Size caps / data integrity:

  • episode_write enforces max_content_bytes on the body and
    returns a structured rejection, so an oversized journal entry
    can't silently truncate at the storage layer [a60bce2].
  • episode_write enforces max_takeaway_bytes on the takeaway
    field separately from the body so a giant takeaway can't silently
    drop on commit [4d36967].
  • Episode.scopes and Memory.scopes both cap at 64 entries on
    load, preventing pathological scope lists from blowing up FTS
    prefilter cost or scope-overview pagination [e928b33].

Search correctness:

  • memory_search(since_prior_session=True) bypasses the FTS
    prefilter so candidates that genuinely matter after the prior
    session boundary aren't dropped by a pre-boundary token-frequency
    cutoff [3bd27dc].
  • since_prior_session boundary is now strict-after — the
    prior-session boundary memory itself is excluded from results, so
    the count aligns with curation_pending_new_since_last_session's
    delta semantics [ffad750].
  • endorsement_debt_ratio_threshold config knob now threads through
    every callsite (compute_health, curation_counts, the CLI), so
    setting it once actually changes the rollups everywhere they're
    surfaced [3db9cfc].
  • episode_search(max_results=N) returns the most-recent N
    episodes instead of the oldest N, matching the loop-iteration
    intent where recent run-state is the relevant slice [3d77bac].

Tests pinning previously-implicit invariants:

  • recently_removed_in_worktree worktree filter pinned by an
    explicit test so a future refactor of memory_scope_overview
    can't quietly drop the per-worktree slicing [0c131b9].
  • max_total cross-hit cap for depends_on auto-pull pinned in
    00ac037 so a graph-heavy memory can't blow the global budget
    even when each hit stays under its per-hit cap.

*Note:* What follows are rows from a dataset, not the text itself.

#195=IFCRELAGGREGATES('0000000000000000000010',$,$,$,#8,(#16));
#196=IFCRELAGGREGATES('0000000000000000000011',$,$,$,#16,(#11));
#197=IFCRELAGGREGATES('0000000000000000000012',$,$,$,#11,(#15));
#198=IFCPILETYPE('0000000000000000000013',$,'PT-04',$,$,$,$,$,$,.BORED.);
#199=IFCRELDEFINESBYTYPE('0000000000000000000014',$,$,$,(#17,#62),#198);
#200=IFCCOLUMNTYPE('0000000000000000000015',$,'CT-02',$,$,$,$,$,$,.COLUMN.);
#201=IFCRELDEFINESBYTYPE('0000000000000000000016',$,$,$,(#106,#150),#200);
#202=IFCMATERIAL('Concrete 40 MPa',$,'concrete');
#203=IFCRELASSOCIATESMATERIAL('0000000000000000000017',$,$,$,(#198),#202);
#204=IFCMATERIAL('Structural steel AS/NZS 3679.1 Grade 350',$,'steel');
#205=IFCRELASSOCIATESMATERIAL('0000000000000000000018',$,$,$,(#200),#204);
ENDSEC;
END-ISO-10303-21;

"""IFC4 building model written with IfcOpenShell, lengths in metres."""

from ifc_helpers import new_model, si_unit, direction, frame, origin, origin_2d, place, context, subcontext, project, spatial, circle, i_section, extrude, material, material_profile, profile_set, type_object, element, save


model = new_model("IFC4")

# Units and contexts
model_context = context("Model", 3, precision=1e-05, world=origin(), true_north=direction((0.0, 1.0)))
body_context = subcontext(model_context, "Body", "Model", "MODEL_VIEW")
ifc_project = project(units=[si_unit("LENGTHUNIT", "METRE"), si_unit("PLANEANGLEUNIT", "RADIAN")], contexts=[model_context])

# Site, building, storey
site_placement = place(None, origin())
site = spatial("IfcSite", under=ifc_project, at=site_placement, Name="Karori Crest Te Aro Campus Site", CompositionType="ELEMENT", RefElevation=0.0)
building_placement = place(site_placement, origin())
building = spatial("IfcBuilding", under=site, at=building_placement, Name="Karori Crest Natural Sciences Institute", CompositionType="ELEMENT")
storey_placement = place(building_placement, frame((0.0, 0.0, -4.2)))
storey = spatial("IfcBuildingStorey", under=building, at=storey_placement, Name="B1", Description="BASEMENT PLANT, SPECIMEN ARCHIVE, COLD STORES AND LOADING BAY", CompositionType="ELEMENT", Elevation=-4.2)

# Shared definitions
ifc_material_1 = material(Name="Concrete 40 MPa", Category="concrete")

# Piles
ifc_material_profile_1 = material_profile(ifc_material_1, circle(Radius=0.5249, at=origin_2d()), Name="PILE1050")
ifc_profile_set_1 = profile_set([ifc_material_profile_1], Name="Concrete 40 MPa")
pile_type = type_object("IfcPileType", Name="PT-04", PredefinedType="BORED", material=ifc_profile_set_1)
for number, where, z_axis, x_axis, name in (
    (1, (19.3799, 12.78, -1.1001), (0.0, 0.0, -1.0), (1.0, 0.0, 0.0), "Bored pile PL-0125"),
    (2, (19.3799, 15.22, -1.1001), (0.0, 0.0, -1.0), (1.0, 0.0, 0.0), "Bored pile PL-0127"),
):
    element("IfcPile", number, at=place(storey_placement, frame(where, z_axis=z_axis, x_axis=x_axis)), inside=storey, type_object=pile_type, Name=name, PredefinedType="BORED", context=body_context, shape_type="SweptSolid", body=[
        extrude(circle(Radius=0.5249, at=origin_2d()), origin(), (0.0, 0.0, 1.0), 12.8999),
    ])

Documentation accuracy (model-facing):

  • Public API docs sync for the episode tier and the curation
    surface so a consumer reading docs/api.md gets shape-accurate
    return values for every tool in the 22-tool surface [1b41b51].
  • Handler DESC strings synced across memory_search,
    memory_health, memory_scope_overview, and memory_write so
    the FastMCP-published descriptions match the implementation's
    field enumeration [053ab9d].
  • docs/api.md sweep: episode_search shape, memory_show full
    field enumeration, memory_health timestamp surface, and
    episode_handoff filter semantics all corrected so the page
    ships as the canonical reference [8c072f9].
  • DESC drift cleanup: memory_audit_turn predicate language,
    since_prior_session wording, and the four episode-tier DESCs
    all reworded for accuracy against the implementation [a2076d8].

Internal

  • New Episode Pydantic model + EpisodeStore (lazy directory
    creation, atomic frontmatter writes, traversal-safe session_id
    validation, TTL-based prune that exempts the active session).
  • _TOOL_REF_RE in tests/test_prompts.py broadened to cover both
    memory_* and episode_* families so SKILL.md / system prompt
    parity catches drift in either tool group.
  • FastMCP instructions block carries a one-line loop pointer
    (episode_handoff at entry, episode_write(takeaway) at exit)
    under the 1700-char ceiling.
  • plugin/skills/bettermemory/SKILL.md gains a full Episodes:
    the sibling tier for run-state
    section with the loop-iteration
    pattern, storage layout, and the episode_promote lifecycle note.
  • README, docs/api.md, docs/ROADMAP.md, CONTRIBUTING.md, and
    plugin/README.md all updated to the new 22-tool count with the
    memory_* + episode_* split called out.
  • 50+ new tests across test_episodes.py, test_server.py,
    test_health.py, test_cli_smoke.py, test_config.py,
    test_direct_imports.py, test_prompts.py, test_eval.py.

Full diff: v3.0.2...v3.1.0

Distributions: bettermemory-3.1.0-py3-none-any.whl + bettermemory-3.1.0.tar.gz published to PyPI via trusted publishing.